Numa assustadora inércia, Gabriela apenas lançara-me um olhar de desdém.

– É mentira! Se tivesses uma tecnologia capaz disso, estarias a vender e não a oferecer-me!

Contive uma risada. Toda a tecnologia que existe no meu planeta tem o único propósito de optimizar os qawwis. Nada mais. Nós não comercializamos o conhecimento. Mas tal parecia difícil de ser compreendido pela Gabriela.

– Quero apenas ajudar-te Gabi, és uma boa pessoa. Usa o negaton para resgatar a tua dignidade e o teu emprego. Mas guarda segredo! Não mostres a ninguém, e muito menos digas quem é que to deu!

Dias depois, Gabriela telefonara-me a agradecer. Experimentara o negaton, conseguira extrair do cérebro as suas memórias, e pôde exibi-las em formato de vídeo.
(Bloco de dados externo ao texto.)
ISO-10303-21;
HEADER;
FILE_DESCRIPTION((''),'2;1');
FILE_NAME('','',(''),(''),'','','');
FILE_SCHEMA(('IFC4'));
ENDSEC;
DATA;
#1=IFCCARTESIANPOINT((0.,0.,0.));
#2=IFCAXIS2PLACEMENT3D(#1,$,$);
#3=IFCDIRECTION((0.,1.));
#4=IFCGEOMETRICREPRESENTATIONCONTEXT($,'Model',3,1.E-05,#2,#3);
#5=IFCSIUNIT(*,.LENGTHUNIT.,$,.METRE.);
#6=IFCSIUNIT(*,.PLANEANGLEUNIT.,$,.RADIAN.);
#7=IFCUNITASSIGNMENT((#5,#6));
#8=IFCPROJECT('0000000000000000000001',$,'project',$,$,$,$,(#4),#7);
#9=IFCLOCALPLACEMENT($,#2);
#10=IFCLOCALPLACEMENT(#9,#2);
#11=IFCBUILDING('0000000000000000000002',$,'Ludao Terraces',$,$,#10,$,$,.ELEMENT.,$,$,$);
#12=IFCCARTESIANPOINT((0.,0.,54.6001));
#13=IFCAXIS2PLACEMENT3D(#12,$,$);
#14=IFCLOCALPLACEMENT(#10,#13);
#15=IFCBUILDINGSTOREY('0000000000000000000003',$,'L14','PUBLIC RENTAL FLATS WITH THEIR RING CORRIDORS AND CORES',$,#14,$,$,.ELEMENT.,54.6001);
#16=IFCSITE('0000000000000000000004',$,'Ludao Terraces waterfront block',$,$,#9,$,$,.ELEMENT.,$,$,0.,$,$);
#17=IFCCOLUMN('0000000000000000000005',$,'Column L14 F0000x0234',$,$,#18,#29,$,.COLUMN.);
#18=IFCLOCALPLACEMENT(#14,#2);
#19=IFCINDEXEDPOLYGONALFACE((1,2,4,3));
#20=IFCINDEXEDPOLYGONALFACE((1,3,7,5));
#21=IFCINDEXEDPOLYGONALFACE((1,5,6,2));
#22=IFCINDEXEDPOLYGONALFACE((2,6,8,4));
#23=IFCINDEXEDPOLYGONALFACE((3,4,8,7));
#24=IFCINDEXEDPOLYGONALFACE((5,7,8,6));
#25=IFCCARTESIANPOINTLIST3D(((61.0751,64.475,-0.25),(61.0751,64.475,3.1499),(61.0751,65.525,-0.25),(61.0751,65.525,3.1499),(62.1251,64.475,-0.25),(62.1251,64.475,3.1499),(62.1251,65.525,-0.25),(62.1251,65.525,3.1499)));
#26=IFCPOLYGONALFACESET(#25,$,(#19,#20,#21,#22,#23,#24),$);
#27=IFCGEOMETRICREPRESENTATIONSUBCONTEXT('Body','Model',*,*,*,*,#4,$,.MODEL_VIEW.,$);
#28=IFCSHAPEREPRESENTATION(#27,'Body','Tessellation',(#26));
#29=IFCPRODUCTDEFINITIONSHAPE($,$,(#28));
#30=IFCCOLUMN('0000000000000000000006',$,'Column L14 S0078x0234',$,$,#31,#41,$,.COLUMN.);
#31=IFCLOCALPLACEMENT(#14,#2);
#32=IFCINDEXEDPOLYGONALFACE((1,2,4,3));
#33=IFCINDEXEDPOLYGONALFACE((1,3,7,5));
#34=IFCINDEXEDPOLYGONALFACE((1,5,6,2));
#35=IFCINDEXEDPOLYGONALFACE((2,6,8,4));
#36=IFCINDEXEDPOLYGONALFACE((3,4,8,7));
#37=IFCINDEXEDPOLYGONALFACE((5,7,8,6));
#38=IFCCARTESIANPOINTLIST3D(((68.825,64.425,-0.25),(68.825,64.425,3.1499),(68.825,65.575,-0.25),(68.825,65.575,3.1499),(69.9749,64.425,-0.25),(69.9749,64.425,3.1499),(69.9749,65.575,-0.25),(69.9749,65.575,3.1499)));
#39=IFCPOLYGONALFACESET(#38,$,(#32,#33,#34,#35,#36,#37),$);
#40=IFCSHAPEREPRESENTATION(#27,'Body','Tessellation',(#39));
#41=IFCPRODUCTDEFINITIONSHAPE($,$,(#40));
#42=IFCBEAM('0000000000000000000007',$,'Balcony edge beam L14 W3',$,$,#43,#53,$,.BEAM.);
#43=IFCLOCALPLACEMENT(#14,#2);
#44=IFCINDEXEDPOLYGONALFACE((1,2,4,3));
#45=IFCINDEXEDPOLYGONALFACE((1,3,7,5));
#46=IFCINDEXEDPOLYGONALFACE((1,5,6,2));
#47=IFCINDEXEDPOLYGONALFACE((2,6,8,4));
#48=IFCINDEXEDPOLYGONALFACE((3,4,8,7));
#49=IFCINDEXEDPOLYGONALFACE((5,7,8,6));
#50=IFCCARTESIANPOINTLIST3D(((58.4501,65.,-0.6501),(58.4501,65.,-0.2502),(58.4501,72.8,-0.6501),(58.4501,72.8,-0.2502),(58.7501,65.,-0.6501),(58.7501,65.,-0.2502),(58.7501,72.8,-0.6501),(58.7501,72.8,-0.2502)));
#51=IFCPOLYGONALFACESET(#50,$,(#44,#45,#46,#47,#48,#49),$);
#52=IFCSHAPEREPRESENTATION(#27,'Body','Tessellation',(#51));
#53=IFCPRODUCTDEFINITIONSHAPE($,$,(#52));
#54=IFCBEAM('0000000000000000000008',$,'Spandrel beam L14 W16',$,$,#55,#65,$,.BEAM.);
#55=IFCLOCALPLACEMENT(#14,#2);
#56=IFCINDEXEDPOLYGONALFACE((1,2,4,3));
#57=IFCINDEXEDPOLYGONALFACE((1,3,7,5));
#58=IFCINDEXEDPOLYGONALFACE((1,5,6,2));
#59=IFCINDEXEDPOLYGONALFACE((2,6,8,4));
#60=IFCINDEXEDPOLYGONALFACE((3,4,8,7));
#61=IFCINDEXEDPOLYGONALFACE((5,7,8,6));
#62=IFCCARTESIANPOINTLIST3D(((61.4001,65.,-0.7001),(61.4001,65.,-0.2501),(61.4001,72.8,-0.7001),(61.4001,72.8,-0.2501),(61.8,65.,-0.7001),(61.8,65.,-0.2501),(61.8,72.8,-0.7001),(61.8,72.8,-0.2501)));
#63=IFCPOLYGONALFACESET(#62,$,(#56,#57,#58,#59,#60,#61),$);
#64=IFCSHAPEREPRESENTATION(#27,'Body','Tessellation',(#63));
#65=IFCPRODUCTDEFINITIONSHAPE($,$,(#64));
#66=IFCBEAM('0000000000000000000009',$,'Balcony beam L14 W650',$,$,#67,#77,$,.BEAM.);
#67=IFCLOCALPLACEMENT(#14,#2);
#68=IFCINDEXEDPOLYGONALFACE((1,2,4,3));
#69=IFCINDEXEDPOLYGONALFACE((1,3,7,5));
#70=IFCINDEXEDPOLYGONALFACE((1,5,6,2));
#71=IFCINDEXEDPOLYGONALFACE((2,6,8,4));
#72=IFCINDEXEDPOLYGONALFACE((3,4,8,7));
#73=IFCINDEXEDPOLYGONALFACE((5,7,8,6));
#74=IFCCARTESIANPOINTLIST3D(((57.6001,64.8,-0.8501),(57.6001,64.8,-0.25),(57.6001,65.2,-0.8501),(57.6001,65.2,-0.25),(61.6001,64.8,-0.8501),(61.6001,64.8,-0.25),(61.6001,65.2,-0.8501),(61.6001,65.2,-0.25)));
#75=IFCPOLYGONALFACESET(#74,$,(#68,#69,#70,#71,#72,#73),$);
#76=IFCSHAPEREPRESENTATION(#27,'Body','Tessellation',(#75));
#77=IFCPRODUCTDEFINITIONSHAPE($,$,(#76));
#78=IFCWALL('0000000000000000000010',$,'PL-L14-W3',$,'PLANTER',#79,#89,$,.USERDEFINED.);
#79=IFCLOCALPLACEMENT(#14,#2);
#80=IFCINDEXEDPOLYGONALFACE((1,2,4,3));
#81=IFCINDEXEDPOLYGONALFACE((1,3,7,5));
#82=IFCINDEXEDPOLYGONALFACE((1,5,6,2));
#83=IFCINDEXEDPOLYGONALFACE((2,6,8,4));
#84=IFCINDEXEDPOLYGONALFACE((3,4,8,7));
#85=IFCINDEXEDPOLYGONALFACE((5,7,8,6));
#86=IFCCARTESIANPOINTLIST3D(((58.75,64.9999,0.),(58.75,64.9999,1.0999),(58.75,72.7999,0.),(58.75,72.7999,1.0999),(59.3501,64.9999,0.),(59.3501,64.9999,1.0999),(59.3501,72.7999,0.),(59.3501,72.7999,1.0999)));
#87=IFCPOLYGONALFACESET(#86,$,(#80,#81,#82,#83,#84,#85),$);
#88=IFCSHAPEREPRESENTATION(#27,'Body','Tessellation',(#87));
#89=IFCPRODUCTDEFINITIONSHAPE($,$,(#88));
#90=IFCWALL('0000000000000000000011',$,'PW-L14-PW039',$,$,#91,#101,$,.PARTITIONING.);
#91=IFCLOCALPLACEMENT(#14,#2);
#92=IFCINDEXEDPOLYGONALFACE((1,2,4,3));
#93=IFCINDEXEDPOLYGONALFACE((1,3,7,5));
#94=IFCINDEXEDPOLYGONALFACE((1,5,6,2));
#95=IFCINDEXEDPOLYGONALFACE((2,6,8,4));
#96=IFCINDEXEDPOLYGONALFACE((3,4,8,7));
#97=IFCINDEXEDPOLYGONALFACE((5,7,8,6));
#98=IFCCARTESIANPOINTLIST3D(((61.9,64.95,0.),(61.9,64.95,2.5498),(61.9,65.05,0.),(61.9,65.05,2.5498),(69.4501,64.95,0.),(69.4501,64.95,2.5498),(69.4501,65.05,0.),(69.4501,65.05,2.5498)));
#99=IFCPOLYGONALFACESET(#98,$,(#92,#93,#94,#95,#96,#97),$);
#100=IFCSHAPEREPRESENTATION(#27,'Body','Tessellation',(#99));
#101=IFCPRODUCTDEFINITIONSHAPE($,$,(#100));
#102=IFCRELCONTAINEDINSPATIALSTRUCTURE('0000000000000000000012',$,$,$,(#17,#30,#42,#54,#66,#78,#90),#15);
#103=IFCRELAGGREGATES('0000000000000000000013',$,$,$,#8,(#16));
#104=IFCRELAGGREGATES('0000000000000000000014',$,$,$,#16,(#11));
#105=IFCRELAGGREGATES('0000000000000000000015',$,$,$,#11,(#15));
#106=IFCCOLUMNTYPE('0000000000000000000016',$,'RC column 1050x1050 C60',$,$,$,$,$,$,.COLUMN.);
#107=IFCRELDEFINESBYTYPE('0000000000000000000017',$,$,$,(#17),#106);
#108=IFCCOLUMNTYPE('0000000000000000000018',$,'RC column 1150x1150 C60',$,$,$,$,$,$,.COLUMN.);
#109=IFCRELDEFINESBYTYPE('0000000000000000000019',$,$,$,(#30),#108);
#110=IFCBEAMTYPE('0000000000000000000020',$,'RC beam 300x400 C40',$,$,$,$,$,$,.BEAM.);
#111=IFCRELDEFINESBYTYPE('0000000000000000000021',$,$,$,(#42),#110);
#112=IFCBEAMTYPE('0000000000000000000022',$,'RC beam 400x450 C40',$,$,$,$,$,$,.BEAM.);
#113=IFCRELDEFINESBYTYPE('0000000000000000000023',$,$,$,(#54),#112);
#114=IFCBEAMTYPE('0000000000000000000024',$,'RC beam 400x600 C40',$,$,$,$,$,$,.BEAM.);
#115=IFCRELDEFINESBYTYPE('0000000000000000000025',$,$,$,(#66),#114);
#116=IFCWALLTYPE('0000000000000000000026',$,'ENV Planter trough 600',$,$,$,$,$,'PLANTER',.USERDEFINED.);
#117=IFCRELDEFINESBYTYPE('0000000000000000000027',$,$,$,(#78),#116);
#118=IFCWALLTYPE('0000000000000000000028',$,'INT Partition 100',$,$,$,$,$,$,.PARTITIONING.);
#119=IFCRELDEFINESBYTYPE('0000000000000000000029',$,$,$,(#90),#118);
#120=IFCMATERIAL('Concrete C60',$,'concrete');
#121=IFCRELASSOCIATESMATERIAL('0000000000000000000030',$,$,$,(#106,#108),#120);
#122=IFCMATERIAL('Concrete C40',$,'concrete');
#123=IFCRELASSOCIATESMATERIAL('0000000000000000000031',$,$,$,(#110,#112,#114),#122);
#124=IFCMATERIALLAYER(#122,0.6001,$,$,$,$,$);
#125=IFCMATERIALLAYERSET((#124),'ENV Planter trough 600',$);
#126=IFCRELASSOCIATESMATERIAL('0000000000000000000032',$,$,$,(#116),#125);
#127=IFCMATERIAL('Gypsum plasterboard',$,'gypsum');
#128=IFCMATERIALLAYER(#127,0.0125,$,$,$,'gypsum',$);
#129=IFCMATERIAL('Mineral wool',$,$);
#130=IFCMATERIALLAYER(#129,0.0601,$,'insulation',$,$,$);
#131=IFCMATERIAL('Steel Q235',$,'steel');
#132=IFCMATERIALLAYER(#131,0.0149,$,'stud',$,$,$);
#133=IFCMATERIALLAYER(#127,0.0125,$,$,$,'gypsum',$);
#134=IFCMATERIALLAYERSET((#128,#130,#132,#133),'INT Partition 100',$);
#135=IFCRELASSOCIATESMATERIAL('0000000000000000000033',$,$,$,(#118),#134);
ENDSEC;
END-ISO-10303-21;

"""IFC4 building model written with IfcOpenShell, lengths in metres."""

from ifc_helpers import new_model, si_unit, direction, frame, frame_2d, origin, origin_2d, place, context, subcontext, project, spatial, rectangle, extrude, material, layer, layer_set, material_profile, profile_set, type_object, element, save


model = new_model("IFC4")

# Units and contexts
model_context = context("Model", 3, precision=1e-05, world=origin(), true_north=direction((0.0, 1.0)))
body_context = subcontext(model_context, "Body", "Model", "MODEL_VIEW")
ifc_project = project(units=[si_unit("LENGTHUNIT", "METRE"), si_unit("PLANEANGLEUNIT", "RADIAN")], contexts=[model_context])

# Site, building, storey
site_placement = place(None, origin())
site = spatial("IfcSite", under=ifc_project, at=site_placement, Name="Ludao Terraces waterfront block", CompositionType="ELEMENT", RefElevation=0.0)
building_placement = place(site_placement, origin())
building = spatial("IfcBuilding", under=site, at=building_placement, Name="Ludao Terraces", CompositionType="ELEMENT")
storey_placement = place(building_placement, frame((0.0, 0.0, 54.6001)))
storey = spatial("IfcBuildingStorey", under=building, at=storey_placement, Name="L14", Description="PUBLIC RENTAL FLATS WITH THEIR RING CORRIDORS AND CORES", CompositionType="ELEMENT", Elevation=54.6001)

# Columns
ifc_material_1 = material(Name="Concrete C60", Category="concrete")
ifc_material_profile_1 = material_profile(ifc_material_1, rectangle(XDim=1.05, YDim=1.05, at=origin_2d()), Name="1050 X 1050")
ifc_profile_set_1 = profile_set([ifc_material_profile_1], Name="Concrete C60")
column_type_1 = type_object("IfcColumnType", Name="RC column 1050x1050 C60", PredefinedType="COLUMN", material=ifc_profile_set_1)
column_1_placement = place(storey_placement, frame((61.6001, 65.0, -0.25), z_axis=(0.0, 0.0, 1.0), x_axis=(1.0, 0.0, 0.0)))
element("IfcColumn", 1, at=column_1_placement, inside=storey, type_object=column_type_1, Name="Column L14 F0000x0234", PredefinedType="COLUMN", context=body_context, shape_type="SweptSolid", body=[
    extrude(rectangle(XDim=1.05, YDim=1.05, at=origin_2d()), origin(), (0.0, 0.0, 1.0), 3.3999),
])
ifc_material_profile_2 = material_profile(ifc_material_1, rectangle(XDim=1.1499, YDim=1.1499, at=origin_2d()), Name="1150 X 1150")
ifc_profile_set_2 = profile_set([ifc_material_profile_2], Name="Concrete C60")
column_type_2 = type_object("IfcColumnType", Name="RC column 1150x1150 C60", PredefinedType="COLUMN", material=ifc_profile_set_2)
column_2_placement = place(storey_placement, frame((69.3999, 65.0, -0.25), z_axis=(0.0, 0.0, 1.0), x_axis=(1.0, 0.0, 0.0)))
element("IfcColumn", 2, at=column_2_placement, inside=storey, type_object=column_type_2, Name="Column L14 S0078x0234", PredefinedType="COLUMN", context=body_context, shape_type="SweptSolid", body=[
    extrude(rectangle(XDim=1.1499, YDim=1.1499, at=origin_2d()), origin(), (0.0, 0.0, 1.0), 3.3999),
])

# Beams
ifc_material_2 = material(Name="Concrete C40", Category="concrete")
ifc_material_profile_3 = material_profile(ifc_material_2, rectangle(XDim=0.3, YDim=0.3999, at=origin_2d()), Name="300 X 400")
ifc_profile_set_3 = profile_set([ifc_material_profile_3], Name="Concrete C40")
beam_type_1 = type_object("IfcBeamType", Name="RC beam 300x400 C40", PredefinedType="BEAM", material=ifc_profile_set_3)
beam_1_placement = place(storey_placement, frame((58.6001, 65.0, -0.4502), z_axis=(0.0, 1.0, 0.0), x_axis=(-1.0, 0.0, 0.0)))
element("IfcBeam", 3, at=beam_1_placement, inside=storey, type_object=beam_type_1, Name="Balcony edge beam L14 W3", PredefinedType="BEAM", context=body_context, shape_type="SweptSolid", body=[
    extrude(rectangle(XDim=0.3, YDim=0.3999, at=origin_2d()), origin(), (0.0, 0.0, 1.0), 7.8),
])
ifc_material_profile_4 = material_profile(ifc_material_2, rectangle(XDim=0.3999, YDim=0.45, at=origin_2d()), Name="400 X 450")
ifc_profile_set_4 = profile_set([ifc_material_profile_4], Name="Concrete C40")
Resultado: recuperara o emprego. A partir desse momento não parei de receber novidades. Gabriela clamava que negaton havia revolucionado a sua vida. Podia reviver quanto quisesse as suas recordações mais preciosas. Perder um churrasco na casa da sogra ou uma festa na escola dos filhos já não era um problema. Usava o negaton no marido e nos filhos. Fotos e filmagens no celular? Tudo ultrapassado. Com negaton, o cérebro passara a ser a câmera fotográfica. Até de madrugada, Gabriela telefonava.

– Linan, amigaaa!! Porque é que estás a perder tempo? Com esta tecnologia podias ficar rica, andar num BMW e não a pé! Negaton é a melhor coisa da vida! Porquê esconder?!

O incontrolável êxtase fez-me perceber que Gabriela estava a fazer uso excessivo daquela tecnologia. Aliás, quando deixei de receber notícias suas, devia ter desconfiado que algo descarrilara. Agora estava tudo explicado:

Jornal o Besteiral

Insólito: homem dispara contra a esposa por causa de um filme

O caso ocorreu na madrugada de segunda-feira. Os vizinhos relatam que o agressor, Mário dos Galhos, já revelava um comportamento bastante possessivo com relação a esposa. A vítima Gabriela das Inocências, 35 anos, foi baleada pelo marido que a surpreendeu a assistir um filme o qual, segundo ele, era prova de infidelidade da esposa. O agressor diz que foi incapaz de controlar o acesso de ciúmes, já que a esposa estava a reviver memórias com outro homem do passado, gravadas através de um dispositivo chamado Negaton, tecnologia de ponta com a capacidade de reproduzir memórias humanas. “Errei, sim senhor, mas não nasci para ser chifrudo” – desabafou o autor do crime. As autoridades estão agora a investigar a veracidade dos factos, a possível existência de uma tal tecnologia nestes moldes e a respectiva origem.

 Respirei fundo e fechei o jornal. Foi então que dois polícias entraram na esplanada. Visto que o meu radar de qawwi avisou que eles vinham atrás de mim, juntei os braços em frente ao corpo e teletransportei-me para outro lugar. Os humanos não estão prontos para isto.